We've now had thousands of companies try Talla, and we have learned a lot from our metrics about how people evaluate bots and conversational interfaces. The most interesting thing so far is that when the Talla trial ends, most enterprises don't make a decision to buy or pass - they email us and ask for a trial extension because they don't feel like they have evaluated it enough. As we dug into this issue, our analysis of the data and discussions with customers in the trial process allowed us to develop a few hypotheses about why this happens. The number 1 issue seems to be that, given the open ended nature of a conversational interface, it is difficult to know when you have said enough things to it to know it works well. With that in mind, here is our recommendation for how you evaluate bots and conversational interfaces in general, and then we will write a follow up post for evaluating Talla specifically.
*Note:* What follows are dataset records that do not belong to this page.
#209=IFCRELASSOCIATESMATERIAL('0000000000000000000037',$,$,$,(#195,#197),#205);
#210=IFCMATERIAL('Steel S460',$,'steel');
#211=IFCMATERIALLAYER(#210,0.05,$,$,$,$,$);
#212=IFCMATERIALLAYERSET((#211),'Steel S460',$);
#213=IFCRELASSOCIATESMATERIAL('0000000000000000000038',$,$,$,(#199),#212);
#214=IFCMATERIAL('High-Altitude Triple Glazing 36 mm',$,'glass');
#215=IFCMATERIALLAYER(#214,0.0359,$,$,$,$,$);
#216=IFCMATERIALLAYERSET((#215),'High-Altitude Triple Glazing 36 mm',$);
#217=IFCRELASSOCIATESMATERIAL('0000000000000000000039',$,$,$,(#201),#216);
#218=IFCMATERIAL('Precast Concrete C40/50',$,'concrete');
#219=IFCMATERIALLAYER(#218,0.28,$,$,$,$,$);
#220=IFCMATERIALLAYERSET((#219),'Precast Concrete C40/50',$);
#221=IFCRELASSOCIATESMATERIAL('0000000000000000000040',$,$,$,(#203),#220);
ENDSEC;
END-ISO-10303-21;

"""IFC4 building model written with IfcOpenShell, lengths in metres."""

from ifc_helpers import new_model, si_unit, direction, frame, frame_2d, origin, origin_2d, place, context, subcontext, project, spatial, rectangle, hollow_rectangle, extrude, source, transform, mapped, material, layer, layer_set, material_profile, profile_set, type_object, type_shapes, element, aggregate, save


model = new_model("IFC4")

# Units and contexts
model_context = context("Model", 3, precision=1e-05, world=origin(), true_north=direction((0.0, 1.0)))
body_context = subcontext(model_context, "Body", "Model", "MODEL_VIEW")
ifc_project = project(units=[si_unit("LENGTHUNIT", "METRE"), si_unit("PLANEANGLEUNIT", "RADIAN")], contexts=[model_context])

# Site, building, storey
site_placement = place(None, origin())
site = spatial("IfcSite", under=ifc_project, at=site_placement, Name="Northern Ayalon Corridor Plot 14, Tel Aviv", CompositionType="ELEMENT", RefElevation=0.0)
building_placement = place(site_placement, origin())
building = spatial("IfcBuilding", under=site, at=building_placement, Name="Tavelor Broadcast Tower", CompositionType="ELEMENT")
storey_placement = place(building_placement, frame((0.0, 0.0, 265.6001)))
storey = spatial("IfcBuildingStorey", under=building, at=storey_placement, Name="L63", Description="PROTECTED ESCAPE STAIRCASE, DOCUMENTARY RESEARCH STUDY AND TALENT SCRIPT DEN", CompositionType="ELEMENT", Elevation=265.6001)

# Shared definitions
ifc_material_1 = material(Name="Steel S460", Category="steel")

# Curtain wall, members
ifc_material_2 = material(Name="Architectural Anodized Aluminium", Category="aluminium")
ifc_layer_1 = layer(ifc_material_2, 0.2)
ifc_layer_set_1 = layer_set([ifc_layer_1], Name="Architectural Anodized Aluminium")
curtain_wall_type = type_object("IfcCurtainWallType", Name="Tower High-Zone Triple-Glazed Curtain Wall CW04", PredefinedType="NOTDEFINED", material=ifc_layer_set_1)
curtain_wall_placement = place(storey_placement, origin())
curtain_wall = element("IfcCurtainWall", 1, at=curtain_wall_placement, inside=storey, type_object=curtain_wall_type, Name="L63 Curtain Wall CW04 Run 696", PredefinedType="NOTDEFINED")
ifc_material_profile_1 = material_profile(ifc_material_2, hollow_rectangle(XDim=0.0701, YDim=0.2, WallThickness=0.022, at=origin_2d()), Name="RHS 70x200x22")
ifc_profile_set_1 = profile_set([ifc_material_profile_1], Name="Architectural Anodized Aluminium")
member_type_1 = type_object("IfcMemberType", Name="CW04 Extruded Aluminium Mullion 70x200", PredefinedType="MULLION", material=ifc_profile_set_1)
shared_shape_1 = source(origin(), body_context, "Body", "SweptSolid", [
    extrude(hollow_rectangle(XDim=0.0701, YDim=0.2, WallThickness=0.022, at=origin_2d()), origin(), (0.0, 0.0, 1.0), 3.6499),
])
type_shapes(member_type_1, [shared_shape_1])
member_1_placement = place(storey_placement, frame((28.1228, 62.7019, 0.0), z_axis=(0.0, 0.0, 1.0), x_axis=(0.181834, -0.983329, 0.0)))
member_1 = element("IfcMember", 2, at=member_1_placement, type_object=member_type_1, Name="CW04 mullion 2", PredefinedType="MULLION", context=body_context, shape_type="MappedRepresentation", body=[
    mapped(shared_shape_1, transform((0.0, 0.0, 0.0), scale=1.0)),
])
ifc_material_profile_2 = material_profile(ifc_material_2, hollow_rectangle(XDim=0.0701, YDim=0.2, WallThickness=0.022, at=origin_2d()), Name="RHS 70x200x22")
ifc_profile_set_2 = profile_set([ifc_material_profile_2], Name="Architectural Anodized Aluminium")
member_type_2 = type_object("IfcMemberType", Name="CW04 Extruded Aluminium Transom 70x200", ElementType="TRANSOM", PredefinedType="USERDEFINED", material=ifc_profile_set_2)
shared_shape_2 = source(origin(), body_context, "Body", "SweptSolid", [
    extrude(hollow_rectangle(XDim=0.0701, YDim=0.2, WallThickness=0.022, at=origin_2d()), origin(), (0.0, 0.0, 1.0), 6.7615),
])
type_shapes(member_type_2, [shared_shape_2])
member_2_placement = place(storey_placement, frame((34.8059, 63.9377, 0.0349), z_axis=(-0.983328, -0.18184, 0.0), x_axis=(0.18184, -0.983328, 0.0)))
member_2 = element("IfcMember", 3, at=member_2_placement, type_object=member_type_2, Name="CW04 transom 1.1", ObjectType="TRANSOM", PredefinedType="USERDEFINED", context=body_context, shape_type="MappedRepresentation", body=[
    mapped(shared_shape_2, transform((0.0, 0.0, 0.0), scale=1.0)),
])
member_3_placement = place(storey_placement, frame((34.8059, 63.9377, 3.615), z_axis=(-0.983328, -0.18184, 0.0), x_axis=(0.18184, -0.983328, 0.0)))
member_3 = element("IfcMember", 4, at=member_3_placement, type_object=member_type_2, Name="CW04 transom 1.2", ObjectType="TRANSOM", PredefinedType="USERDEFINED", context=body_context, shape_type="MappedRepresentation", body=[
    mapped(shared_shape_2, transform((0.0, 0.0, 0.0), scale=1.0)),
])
3 Key Steps To Bot Evaluation
1. Test The Help Functionality - The first step to any evaluation of a bot interface is actually to figure out what happens in cases of failure or uncertainty. Conversational interfaces are new, and people often don't understand how to use them. And as the use of bots rises in the organization, users may sometimes get confused about which bot does which thing. When we look at our anonymized natural language data from our customer set, the most common question we get from new users on Talla is "what can you do?"
Start your bot evaluation by making sure that new employees exposed to the bot for the first time have a path to learn. What happens if you type "help" or "what can you do?" What does the bot say when it is first introduced to a new employee? How does that introduction work? If you haven't used the bot in 3 months, how easy is it to pick back up and be reminded of the proper syntax?
2. Test Paraphrasing and Input Language Structure - A good conversational interface has to do one of two things. It either needs to handle paraphrasings very well, or it needs to provide feedback on the sentence structure you use to communicate with it. If the bot just does a few things, check to see if it provides feedback on how to say something. For example, if a bot can tell you the weather, and you type "san francisco weather", and the bot doesn't recognize it, does it throw an error, or tell you something like "It looks like you are talking about the weather, try saying 'what's the weather in <zipcode>'" Figure out if the bot can coach users on the best way to communicate.
Alternatively, some bots have invested a lot in NLP methods to detect paraphrases of commands and questions. Test this out by asking the bot a specific question in two or three different ways. In Talla, for example, if you teach Talla how to respond to "Who is our health insurance provider," make sure you try "Who provides our health insurance?" and "What company do we use for health insurance?" to see how the bot responds.
3. Test Your Top Use Cases - There is this strange tendency amongst users to try to trick bots and break them. If you build a scheduling bot, users don't say "Schedule a meeting for Monday at 3pm with Fred." Instead, they say "schedule a meeting one week from yesterday in the afternoon, with our CFO, at a coffee shop we've never been to" or something similarly crazy. While this might be fun, it doesn't really help you evaluate the bot in day to day interactions. After you've tested paraphrasing and help situations, focus on your core use cases. For the things the bot will be doing 90% of the time, is it highly accurate? When it makes a mistake, what is the path to learning?
The companies we have seen who have the most success with their Talla evaluation tend to follow these three steps. And to that, I'll add one bonus tip that we have seen in our best customers - phase your rollout in 4 stages. Here they are:
- On the day you install the bot, try steps 1-3 above yourself.
- Then invite 3 other people at your org to test the bot for a few days, using the same process.
- If that goes well, roll it out to a full team to use for 3-4 weeks. This allows you to have a controlled process where you can understand any questions or issues that may arise from a broader roll out.
- Once you feel comfortable with the use of a full team, roll the bot our organization wide.
Evaluting brand new product spaces can be challenging, and confusing. But we know enterprise bots are the future of work, and the sooner you can make them part of your team and incorporate them into your workflows, the sooner you will gain an advantage over the laggards who wait until it's too late. And of course, if you want to use a bot to accelerate and amplify the work of your internal service teams like I.T. and H.R., we hope you will give Talla a try.